The new Pope is elected, and yet -- within moments -- the lucky man has a nervous breakdown and screams: "Non ce la faccio!" ("I CAN'T DO IT"!). The rest of the film follows the depressed Pope's comic escape from the Vatican, while a psychiatrist (played by Moretti) tries to hold down the fort at the Vatican, keeping all the frantic cardinals calm with volleyball matches, card-games and lectures on depression ("it's actually described in the Bible," Moretti says. "The symptoms are all there!"). Meanwhile, the demented Pope, played by a sweetly serene Michel Piccoli, wanders the streets of Rome and ends up taking lodging in a hotel with a troupe of actors -- fitting for him as it turns out his life dream was really to be an actor.

While some critics have seen this movie as a heretical critique of the Catholic Church, the parody goes farther: behind all pomp and circumstance is an empty hole. A buffoonish man is hired by the Vatican to push the curtains of the Pope's chambers back and forth, to suggest that he is there. Contented by the simulacrum of presence (in a rather pop version of Foucault's Panopticon), the cardinals continue to play volleyball. The film exposes power, whether political or religious, as an illusion created by pageantry, ritual, costumes ... and curtains. An emphatic point in the movie is that what goes on in the Vatican can't "be seen".

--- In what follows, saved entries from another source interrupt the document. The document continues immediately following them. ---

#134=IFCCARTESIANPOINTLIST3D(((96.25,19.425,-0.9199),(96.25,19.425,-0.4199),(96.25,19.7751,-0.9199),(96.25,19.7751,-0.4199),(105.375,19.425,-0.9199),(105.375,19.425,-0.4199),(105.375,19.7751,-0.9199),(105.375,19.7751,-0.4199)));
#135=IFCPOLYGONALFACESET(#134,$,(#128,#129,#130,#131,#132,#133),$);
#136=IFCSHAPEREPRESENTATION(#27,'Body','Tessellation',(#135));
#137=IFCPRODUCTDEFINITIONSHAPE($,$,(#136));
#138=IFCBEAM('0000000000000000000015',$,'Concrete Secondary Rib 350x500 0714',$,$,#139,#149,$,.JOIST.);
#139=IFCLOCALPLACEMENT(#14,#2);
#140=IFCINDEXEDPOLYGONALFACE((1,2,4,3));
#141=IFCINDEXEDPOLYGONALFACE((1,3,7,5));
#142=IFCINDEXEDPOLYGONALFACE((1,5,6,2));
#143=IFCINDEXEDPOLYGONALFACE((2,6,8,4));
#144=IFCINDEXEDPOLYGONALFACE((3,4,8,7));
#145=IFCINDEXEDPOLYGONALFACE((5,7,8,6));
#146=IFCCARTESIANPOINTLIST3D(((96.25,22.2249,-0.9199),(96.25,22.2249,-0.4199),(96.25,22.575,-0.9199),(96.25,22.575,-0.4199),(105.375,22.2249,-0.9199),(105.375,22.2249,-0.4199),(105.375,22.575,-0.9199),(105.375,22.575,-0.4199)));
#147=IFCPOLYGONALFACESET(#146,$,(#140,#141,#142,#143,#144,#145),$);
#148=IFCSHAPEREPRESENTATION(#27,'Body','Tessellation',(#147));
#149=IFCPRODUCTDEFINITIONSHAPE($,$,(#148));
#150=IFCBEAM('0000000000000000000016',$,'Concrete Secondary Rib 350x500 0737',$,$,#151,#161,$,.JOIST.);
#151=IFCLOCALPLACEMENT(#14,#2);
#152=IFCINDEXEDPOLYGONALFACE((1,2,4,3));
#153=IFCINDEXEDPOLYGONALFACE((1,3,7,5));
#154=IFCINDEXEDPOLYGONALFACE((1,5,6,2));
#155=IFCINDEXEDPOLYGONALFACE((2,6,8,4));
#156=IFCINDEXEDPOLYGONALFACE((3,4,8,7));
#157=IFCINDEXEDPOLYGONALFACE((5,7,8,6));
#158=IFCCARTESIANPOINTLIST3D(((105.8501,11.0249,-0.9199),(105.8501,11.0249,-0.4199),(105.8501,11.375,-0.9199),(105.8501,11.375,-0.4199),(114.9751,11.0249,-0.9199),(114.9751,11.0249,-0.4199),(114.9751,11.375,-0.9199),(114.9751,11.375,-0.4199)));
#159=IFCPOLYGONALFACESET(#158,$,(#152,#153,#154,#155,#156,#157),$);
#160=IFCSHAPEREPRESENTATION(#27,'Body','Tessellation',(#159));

This new film is not only masterfully put together -- from the shots of distraught believers in St Peter's Square to the Pope's therapy sessions with a female psychiatrist who doesn't know who he is ("what you have no family?") -- but most of all, it is hilarious, having already elicited many a chuckle in Italy where the film has been out since April.

Behind the humor, however, is a trenchant punch-line. The film poignantly shows how the Emperor may very well have no clothes, but no matter, people still need and want to believe in him: hence, the catastrophe when the vested leader opts out -- and refuses his symbolic role.

I will note that Nanni Moretti did not agree with my interpretation putting together power and pageantry.

"No, I simply wanted to show it is possible to renounce a role of great power, and that this is not an act of cowardice, but the strength to recognize one's own weaknesses."

Nor did he agree that the cardinals in the Vatican come off as demented old men in an assisted living home: playing cards, taking tranquilizers and acting peevish about who had more votes for the Pope role -- reminiscent of the feeble-minded childish men in power in Kubrick's Dr. Strangelove.

"No, I was simply touched by their sweet humanity," he said ingenuously.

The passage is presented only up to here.